Chen recorrió el borde de la calle, pateando guijarros y frunciendo el entrecejo. Aquella calle de mierda estaba tan llena de manchas que parecía que tuviera el sarampión. Aun así, era una idea interesante, y la recompensa podría ser enorme si salía bien: un polvo con Teresa Wu.

Chen se echó al suelo boca abajo, como si fuera a hacer flexiones, tal y como le había enseñado Pike, y estudió la luz de la superficie del asfalto. Dejó que lo demás se volviera borroso y se concentró sólo en la luz. Así se percató de que algunas manchas brillaban más que otras. Serían más frescas. Se fue hasta el bordillo y se imaginó un coche aparcado allí, un cuatro por cuatro como el de Lake Hollywood. Volvió a tumbarse en el suelo en aquel punto, buscando señales. Un vehículo aparcado durante un rato no habría dejado una sola mancha, sino varias que estarían superpuestas.

– ¿Qué le parece? -preguntó Cole.

John Chen, perdido en su análisis de la calzada, no le oyó.

– ¿John?

– ¿Sí?

– ¿Qué le parece?

– Me parece que es una posibilidad remota.

– ¿Es que hay alguna de otro tipo?

John Chen volvió al Boxster a buscar la caja de recogida de pruebas y se pasó el resto de la tarde tomando muestras y soñando despierto con Teresa Wu.

Capítulo 42

Veintidós días después de que la oficina del fiscal del distrito de la ciudad de Los Ángeles registrara mi condena, recibí una carta del Tribunal de Licencias del Estado de California en la que revocaba mi licencia de investigador. En la misma carta, la Comisión de Sheriffs de California cancelaba mi licencia de armas. No quedaba nada de la Agencia de Detectives Elvis Cole. No quedaba nada de mi trabajo como investigador privado. Siempre podía montar una plantación de maría.

Dos días más tarde los médicos me quitaron la escayola y empecé la recuperación. Me dolía. Era peor que cualquier dolor físico que hubiera sentido jamás, peor incluso que recibir un disparo, pero el brazo me funcionaba y podía volver a conducir. Y además ya no parecía un camarero.
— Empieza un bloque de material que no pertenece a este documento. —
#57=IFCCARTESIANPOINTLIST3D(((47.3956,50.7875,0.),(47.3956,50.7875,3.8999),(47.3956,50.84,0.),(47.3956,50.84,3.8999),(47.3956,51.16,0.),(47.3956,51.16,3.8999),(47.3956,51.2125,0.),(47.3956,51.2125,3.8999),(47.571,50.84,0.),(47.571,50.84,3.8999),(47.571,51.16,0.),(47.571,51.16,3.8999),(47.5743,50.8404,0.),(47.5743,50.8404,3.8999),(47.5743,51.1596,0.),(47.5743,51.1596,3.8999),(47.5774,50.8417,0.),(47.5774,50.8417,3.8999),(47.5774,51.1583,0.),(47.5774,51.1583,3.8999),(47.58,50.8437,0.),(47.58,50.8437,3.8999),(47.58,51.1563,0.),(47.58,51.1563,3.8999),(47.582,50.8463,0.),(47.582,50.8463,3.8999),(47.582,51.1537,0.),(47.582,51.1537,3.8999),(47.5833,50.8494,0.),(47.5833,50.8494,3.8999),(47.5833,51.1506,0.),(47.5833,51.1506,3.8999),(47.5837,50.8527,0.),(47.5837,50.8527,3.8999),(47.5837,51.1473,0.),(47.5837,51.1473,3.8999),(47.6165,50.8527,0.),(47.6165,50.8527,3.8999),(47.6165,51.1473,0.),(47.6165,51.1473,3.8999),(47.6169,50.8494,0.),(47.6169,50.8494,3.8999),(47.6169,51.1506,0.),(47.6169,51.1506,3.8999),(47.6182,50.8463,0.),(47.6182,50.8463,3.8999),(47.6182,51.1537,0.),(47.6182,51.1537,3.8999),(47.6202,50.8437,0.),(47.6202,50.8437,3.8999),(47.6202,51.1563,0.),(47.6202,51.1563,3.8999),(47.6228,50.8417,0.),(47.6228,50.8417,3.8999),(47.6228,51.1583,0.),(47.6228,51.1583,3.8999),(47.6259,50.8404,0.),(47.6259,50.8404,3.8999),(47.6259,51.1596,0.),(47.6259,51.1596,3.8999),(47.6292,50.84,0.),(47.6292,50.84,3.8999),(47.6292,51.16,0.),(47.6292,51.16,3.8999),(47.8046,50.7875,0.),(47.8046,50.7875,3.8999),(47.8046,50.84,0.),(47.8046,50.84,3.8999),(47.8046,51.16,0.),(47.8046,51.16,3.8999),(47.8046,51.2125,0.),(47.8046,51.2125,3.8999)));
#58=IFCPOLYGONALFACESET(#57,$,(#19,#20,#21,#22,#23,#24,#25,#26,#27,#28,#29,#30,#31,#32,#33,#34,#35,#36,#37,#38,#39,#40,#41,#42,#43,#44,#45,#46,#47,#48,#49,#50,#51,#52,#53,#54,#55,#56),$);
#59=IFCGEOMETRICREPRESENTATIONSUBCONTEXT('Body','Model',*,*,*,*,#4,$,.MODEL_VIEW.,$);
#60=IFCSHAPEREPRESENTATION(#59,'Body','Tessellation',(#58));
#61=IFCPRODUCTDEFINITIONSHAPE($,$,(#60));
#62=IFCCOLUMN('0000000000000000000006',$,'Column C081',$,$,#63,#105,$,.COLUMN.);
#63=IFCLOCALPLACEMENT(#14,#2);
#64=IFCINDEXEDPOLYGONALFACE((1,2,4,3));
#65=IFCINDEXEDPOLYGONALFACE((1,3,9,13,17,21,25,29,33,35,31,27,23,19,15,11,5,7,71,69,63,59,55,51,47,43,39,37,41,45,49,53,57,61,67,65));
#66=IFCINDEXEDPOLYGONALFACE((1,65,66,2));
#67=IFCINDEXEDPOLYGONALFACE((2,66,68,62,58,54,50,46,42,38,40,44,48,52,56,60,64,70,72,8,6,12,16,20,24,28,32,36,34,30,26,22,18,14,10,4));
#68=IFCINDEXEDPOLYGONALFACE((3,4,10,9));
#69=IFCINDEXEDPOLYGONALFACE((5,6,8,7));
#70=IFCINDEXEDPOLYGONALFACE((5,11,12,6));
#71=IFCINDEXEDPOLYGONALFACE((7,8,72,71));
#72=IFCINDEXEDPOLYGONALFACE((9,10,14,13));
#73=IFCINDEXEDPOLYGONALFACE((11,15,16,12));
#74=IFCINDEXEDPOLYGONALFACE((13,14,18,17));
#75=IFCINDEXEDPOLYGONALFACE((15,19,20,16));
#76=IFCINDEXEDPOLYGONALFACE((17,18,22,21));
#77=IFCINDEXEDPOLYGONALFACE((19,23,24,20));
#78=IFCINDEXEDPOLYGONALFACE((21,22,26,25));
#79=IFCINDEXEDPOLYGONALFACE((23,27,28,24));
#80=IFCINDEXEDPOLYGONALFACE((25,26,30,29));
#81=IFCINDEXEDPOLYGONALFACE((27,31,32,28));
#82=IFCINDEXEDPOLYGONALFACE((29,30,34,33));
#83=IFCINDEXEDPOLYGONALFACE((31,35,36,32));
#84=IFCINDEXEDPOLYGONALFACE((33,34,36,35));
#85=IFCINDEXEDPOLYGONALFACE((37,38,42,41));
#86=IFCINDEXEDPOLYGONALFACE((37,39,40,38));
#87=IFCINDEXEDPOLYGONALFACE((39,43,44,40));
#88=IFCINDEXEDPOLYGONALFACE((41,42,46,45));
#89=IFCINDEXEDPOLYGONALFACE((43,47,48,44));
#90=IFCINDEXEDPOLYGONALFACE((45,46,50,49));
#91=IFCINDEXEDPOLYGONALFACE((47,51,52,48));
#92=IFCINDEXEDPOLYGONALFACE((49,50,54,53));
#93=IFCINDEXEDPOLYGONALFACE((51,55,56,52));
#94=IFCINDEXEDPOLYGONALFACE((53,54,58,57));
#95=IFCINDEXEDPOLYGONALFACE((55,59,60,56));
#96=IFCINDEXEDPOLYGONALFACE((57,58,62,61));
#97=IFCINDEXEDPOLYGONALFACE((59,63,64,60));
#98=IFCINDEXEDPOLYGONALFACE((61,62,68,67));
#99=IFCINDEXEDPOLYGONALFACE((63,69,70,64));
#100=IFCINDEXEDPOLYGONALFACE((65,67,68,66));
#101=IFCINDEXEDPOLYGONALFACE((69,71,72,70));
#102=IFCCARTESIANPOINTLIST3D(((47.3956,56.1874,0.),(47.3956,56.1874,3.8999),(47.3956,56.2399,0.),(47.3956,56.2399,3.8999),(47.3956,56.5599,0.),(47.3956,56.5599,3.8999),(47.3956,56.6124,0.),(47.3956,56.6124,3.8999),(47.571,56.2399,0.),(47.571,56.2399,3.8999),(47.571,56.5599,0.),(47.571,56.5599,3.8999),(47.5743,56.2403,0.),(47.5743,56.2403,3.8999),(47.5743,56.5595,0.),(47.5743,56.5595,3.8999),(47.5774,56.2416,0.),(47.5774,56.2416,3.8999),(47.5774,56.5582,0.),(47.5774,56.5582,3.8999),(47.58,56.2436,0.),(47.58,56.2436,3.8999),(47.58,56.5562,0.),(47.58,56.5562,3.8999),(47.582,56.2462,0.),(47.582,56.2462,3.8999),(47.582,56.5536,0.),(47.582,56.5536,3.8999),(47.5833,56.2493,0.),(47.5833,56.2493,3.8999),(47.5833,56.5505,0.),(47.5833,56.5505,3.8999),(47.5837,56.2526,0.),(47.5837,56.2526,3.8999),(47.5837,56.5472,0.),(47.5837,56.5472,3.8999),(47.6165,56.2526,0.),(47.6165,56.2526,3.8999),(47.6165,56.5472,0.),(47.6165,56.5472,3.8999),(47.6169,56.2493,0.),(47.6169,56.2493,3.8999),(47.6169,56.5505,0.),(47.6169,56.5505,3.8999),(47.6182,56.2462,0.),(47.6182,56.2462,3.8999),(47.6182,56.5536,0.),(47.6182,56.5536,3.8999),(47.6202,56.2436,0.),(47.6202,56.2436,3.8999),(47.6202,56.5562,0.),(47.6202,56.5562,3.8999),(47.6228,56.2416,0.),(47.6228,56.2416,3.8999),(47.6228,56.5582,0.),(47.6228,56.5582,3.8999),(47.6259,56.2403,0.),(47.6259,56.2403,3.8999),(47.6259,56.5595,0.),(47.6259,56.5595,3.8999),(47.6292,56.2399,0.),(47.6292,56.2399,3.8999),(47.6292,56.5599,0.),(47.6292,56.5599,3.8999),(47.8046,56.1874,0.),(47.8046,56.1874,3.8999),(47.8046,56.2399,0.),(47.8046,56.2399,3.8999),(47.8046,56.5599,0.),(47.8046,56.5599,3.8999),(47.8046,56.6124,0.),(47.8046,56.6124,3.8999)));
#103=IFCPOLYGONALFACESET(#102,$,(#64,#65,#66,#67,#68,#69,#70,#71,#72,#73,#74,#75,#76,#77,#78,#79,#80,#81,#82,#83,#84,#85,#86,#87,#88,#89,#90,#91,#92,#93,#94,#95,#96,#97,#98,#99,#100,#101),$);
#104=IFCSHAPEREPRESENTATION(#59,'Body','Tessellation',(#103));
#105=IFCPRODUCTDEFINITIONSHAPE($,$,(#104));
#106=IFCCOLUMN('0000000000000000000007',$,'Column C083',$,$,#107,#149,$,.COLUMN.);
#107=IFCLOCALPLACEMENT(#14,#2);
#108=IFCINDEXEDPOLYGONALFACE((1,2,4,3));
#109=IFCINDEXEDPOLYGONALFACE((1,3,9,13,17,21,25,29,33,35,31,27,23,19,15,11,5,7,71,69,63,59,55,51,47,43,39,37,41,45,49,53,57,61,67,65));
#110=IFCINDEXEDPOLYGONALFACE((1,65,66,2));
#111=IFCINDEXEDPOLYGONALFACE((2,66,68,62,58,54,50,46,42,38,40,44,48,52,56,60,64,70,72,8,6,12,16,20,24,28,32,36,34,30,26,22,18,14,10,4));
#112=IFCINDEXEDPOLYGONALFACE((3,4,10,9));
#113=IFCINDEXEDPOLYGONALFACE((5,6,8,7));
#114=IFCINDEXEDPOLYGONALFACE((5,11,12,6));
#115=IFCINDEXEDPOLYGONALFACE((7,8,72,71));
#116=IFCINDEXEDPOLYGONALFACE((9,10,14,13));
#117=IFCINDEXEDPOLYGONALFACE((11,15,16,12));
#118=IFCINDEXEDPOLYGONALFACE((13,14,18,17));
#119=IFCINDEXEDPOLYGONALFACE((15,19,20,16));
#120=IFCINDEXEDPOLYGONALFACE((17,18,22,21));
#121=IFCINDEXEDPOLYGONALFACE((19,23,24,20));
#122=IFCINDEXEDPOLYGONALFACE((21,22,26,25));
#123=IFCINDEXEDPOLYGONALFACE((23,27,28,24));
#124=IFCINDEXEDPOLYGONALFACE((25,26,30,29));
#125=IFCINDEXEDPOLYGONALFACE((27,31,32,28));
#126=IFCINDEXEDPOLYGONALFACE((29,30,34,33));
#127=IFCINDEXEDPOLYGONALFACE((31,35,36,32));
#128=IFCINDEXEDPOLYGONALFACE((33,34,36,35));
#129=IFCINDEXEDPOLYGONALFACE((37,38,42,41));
Me fui a la oficina por primera vez desde lo del desierto, subí los cuatro tramos de escalera y me senté a mi mesa. Llevaba más de diez años en aquella oficina. Conocía a los que trabajaban en la oficina de seguros de delante y había salido con la propietaria de la empresa de cosméticos de al lado. Compraba bocadillos en el puesto que había en el vestíbulo y tenía la cuenta en el banco del mismo edificio. Joe también tenía una oficina allí, pero estaba vacía. Nunca la había utilizado y quizá ya no la utilizaría nunca.